A housing scheme being built in east London proposes a dustcart-free future. It’s a development where far more of our waste can be easily recycled.

Europe’s largest automated waste collection system is being installed at 420-acre Barking Riverside, close to Barking town centre.

This is the first large-scale project in the UK to adopt infrastructure that is already common in some other countries.

Barking Riverside will have 11,000 homes, workplaces and leisure facilities within a new urban quarter that would usually require 19,000 waste bins.

However, the Envac system being used replaces these with just 460 “waste outlets” and a network of underground pipes to vacuum waste to a local recycling plant, which is also an ecology centre.

Rubbish lorries should be a thing of the past.

The masterplan, by architects Lifschutz Davidson Sandilands, has streets designed for walking and cycling, while the carbon emissions from recycling vehicles will be eradicated.

Matt Carpen, project director for Barking Riverside says: “We’ve learned from major European cities, such as Stockholm, and integrated futureproof technology to promote sustainability and liveability for our residents.”

WE'RE CATCHING UP AT LAST

First in the UK with Envac was Wembley Park, Quintain’s regeneration of 85 acres, where it is claimed the system can collect the waste of 10,000 homes in minutes and carbon emissions from dustcarts have been slashed.

But such progress has been lacking for years in Britain, whereas — according to a 2014 report by the London Waste and Recycling Board — new homes have been built in many cities around the world using the technology.

Examples of vacuum and pneumatic systems were cited in New York, Doha, Stockholm and Brisbane, begging the question why we in the UK have done so little to update our waste infrastructure.

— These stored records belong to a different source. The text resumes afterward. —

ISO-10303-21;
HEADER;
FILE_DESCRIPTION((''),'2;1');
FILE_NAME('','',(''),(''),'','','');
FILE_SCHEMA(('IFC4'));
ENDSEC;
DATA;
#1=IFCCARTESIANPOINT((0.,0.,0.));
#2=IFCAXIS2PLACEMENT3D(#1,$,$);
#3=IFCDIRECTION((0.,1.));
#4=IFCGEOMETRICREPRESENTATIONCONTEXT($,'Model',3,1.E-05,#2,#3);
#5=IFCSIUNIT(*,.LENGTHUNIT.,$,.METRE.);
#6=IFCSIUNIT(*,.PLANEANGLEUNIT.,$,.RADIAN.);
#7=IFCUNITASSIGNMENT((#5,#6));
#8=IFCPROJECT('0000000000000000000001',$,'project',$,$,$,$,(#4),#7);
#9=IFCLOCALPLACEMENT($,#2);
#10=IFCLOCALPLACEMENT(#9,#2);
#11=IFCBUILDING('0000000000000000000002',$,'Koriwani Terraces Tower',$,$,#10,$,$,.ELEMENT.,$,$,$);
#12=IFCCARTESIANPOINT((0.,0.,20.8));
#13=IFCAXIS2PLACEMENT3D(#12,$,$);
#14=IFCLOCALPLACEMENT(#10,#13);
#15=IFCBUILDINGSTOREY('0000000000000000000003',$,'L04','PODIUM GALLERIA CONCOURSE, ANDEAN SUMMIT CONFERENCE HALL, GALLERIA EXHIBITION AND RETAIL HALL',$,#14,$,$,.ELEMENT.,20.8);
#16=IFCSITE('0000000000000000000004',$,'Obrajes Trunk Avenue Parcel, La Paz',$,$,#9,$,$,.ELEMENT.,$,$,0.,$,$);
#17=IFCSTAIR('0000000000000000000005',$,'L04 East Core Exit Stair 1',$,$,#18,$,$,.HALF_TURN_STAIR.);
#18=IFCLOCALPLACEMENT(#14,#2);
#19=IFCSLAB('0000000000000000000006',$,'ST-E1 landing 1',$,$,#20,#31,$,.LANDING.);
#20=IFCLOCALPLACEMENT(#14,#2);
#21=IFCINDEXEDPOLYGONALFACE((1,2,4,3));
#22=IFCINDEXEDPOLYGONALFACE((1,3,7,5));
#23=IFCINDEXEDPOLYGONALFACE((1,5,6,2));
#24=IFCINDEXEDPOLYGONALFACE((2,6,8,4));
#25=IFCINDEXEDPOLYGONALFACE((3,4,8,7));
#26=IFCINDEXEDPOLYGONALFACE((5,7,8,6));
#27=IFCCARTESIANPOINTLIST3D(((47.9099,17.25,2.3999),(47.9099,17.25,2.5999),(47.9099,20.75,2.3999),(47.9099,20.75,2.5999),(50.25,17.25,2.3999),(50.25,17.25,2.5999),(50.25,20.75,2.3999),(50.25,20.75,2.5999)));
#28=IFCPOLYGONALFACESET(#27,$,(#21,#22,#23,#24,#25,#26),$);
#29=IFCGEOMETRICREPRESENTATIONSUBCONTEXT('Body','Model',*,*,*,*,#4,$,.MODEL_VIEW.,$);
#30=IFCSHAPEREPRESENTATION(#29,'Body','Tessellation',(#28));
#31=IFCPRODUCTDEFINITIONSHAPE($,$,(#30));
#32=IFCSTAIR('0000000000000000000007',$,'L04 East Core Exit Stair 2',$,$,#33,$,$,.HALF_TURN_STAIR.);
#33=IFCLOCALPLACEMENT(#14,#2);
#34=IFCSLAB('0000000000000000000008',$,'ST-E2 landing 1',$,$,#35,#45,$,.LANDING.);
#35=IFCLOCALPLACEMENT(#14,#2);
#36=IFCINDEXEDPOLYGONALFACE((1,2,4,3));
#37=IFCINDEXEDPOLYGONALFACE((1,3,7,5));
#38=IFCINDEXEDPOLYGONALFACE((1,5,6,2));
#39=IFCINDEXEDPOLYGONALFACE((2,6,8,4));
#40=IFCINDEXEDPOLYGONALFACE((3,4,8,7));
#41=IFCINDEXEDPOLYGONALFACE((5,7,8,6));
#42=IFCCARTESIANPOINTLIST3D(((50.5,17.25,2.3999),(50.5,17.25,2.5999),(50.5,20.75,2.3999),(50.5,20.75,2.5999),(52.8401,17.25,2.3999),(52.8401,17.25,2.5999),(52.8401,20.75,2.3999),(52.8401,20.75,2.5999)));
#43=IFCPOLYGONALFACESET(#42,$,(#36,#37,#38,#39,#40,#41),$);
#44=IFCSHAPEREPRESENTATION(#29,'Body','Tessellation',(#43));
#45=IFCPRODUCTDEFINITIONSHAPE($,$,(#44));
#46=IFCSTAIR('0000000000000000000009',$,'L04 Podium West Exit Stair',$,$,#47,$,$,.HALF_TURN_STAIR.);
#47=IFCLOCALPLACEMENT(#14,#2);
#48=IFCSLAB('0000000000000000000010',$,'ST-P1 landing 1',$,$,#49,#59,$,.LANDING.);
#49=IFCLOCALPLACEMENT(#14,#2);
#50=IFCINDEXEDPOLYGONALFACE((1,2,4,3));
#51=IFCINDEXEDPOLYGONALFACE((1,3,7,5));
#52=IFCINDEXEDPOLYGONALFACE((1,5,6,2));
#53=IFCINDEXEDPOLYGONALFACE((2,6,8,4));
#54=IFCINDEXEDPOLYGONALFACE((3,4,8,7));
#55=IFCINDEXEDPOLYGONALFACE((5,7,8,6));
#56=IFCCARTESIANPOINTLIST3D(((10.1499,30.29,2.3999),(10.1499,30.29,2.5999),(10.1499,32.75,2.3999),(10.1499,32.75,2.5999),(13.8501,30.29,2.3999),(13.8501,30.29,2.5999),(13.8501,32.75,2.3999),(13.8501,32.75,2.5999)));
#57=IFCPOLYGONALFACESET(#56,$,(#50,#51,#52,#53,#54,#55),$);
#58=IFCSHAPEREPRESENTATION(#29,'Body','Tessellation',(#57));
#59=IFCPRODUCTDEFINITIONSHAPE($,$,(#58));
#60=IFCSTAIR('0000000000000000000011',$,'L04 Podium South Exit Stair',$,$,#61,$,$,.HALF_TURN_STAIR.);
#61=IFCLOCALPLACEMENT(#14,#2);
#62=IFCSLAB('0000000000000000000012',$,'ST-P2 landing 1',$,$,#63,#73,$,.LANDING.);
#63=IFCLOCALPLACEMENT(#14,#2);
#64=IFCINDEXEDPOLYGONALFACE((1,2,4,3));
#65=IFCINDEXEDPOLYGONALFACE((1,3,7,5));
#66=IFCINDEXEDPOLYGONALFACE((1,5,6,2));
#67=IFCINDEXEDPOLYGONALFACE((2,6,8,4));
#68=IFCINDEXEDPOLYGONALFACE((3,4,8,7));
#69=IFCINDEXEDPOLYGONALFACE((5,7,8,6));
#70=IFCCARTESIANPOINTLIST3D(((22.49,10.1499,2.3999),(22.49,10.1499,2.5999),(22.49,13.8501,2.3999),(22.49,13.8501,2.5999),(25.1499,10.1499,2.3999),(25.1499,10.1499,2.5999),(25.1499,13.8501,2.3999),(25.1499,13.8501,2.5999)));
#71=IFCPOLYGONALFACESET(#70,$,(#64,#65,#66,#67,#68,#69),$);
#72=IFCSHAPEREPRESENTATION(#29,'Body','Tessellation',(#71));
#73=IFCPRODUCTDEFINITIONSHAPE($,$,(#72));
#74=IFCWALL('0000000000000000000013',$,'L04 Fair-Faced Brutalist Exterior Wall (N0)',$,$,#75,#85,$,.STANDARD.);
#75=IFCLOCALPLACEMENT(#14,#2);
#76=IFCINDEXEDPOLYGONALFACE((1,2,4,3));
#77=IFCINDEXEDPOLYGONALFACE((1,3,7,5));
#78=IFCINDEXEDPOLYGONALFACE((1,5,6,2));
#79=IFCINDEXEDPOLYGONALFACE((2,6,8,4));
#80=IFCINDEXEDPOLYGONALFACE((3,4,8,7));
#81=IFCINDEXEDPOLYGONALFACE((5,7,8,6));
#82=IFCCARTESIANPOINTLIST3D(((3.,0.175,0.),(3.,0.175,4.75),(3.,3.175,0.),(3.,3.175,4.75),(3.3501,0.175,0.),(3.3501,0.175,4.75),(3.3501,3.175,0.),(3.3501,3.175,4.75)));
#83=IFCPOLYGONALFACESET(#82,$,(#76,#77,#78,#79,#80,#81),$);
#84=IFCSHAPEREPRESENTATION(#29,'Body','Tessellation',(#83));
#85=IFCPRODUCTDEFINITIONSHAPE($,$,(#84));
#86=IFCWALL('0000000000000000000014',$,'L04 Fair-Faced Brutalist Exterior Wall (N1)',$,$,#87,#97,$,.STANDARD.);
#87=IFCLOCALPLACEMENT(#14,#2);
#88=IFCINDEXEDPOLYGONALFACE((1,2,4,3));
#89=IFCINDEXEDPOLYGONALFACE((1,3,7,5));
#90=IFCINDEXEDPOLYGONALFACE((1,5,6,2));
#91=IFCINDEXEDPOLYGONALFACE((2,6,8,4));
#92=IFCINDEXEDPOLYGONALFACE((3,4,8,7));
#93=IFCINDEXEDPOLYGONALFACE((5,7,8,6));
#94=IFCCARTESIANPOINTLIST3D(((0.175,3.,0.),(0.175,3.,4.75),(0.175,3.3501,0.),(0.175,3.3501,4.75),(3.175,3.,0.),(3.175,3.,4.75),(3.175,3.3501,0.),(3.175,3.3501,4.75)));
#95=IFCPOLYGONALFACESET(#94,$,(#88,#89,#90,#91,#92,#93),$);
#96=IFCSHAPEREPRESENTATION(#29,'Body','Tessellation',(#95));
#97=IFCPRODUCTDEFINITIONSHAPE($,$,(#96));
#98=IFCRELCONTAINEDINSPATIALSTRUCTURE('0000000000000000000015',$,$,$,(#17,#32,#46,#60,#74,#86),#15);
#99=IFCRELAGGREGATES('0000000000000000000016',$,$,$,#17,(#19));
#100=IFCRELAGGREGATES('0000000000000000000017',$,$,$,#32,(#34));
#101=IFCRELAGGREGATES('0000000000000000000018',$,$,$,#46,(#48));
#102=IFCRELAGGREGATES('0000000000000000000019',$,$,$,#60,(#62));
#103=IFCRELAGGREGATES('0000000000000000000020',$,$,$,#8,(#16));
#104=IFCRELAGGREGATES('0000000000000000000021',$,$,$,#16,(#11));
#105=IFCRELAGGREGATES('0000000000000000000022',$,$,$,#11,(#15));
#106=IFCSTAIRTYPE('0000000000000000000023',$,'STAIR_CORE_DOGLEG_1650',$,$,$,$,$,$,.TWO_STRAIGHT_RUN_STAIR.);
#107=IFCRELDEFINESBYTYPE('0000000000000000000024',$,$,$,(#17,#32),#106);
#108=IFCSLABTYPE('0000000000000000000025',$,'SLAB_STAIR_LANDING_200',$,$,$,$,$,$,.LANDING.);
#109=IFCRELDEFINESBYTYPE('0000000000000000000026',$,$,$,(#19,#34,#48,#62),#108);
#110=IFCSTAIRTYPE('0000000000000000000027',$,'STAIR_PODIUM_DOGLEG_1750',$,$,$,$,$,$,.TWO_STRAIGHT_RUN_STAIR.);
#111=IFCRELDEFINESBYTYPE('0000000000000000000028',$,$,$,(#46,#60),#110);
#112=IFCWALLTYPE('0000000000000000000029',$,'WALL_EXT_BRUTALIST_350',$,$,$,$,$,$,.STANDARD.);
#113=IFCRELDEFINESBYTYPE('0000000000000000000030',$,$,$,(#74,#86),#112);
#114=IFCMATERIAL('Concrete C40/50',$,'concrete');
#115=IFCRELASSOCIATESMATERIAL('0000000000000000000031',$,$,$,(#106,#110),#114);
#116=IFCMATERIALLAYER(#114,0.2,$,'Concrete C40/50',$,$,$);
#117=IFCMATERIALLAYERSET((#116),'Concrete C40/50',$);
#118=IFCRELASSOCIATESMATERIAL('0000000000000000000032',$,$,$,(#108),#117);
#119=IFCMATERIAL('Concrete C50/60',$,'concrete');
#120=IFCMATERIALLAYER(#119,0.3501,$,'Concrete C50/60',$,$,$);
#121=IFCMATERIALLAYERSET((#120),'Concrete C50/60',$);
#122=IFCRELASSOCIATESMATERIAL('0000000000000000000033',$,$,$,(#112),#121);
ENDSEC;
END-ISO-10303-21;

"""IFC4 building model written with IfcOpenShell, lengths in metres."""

from ifc_helpers import new_model, si_unit, direction, frame, frame_2d, origin, place, context, subcontext, project, spatial, polyline, rectangle, outline, extrude, material, layer, layer_set, type_object, element, aggregate, save


model = new_model("IFC4")

# Units and contexts
model_context = context("Model", 3, precision=1e-05, world=origin(), true_north=direction((0.0, 1.0)))
body_context = subcontext(model_context, "Body", "Model", "MODEL_VIEW")
ifc_project = project(units=[si_unit("LENGTHUNIT", "METRE"), si_unit("PLANEANGLEUNIT", "RADIAN")], contexts=[model_context])

# Site, building, storey
site_placement = place(None, origin())
site = spatial("IfcSite", under=ifc_project, at=site_placement, Name="Obrajes Trunk Avenue Parcel, La Paz", CompositionType="ELEMENT", RefElevation=0.0)
building_placement = place(site_placement, origin())
building = spatial("IfcBuilding", under=site, at=building_placement, Name="Koriwani Terraces Tower", CompositionType="ELEMENT")
storey_placement = place(building_placement, frame((0.0, 0.0, 20.8)))
storey = spatial("IfcBuildingStorey", under=building, at=storey_placement, Name="L04", Description="PODIUM GALLERIA CONCOURSE, ANDEAN SUMMIT CONFERENCE HALL, GALLERIA EXHIBITION AND RETAIL HALL", CompositionType="ELEMENT", Elevation=20.8)

# Shared definitions
ifc_material_1 = material(Name="Concrete C50/60", Category="concrete")

# Stairs, slabs
ifc_material_2 = material(Name="Concrete C40/50", Category="concrete")
stair_type_1 = type_object("IfcStairType", Name="STAIR_CORE_DOGLEG_1650", PredefinedType="TWO_STRAIGHT_RUN_STAIR", material=ifc_material_2)
ifc_layer_1 = layer(ifc_material_2, 0.2, Name="Concrete C40/50")
ifc_layer_set_1 = layer_set([ifc_layer_1], Name="Concrete C40/50")
slab_type_1 = type_object("IfcSlabType", Name="SLAB_STAIR_LANDING_200", PredefinedType="LANDING", material=ifc_layer_set_1)
stair_1_placement = place(storey_placement, origin())
stair_1 = element("IfcStair", 1, at=stair_1_placement, inside=storey, type_object=stair_type_1, Name="L04 East Core Exit Stair 1", PredefinedType="HALF_TURN_STAIR")
slab_1_placement = place(storey_placement, frame((0.0, 0.0, 2.3999)))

Envac: waste chutes in action in Hammarby in Sweden 

One clear reason is the scale of investment needed to install such systems. With local authority spending already so constrained, the possibility of the new systems being rolled out across the country still seems like a pipe dream.

A more modest, yet ingenious approach is being tested in Cambridge.

Eddington is a 370-acre community being built by the University of Cambridge to encourage researchers and key workers to stay in the city.

Nine teams of architects are working to provide thousands of new homes and community facilities such as schools, shops and research centres.

Eddington has a pioneering sustainable strategy, which includes a new underground waste collection system.

Heather Topel, project director, says: “A huge benefit is the removal of wheelie bins to dramatically improve the streetscape and remove the need for weekly collections.”

So far 500 people have moved into homes in the first phase which are equipped with specially designed bins in the kitchens, access to composting facilities and the new waste system where instead of 3,000 individual household bins, there are 450 underground bins.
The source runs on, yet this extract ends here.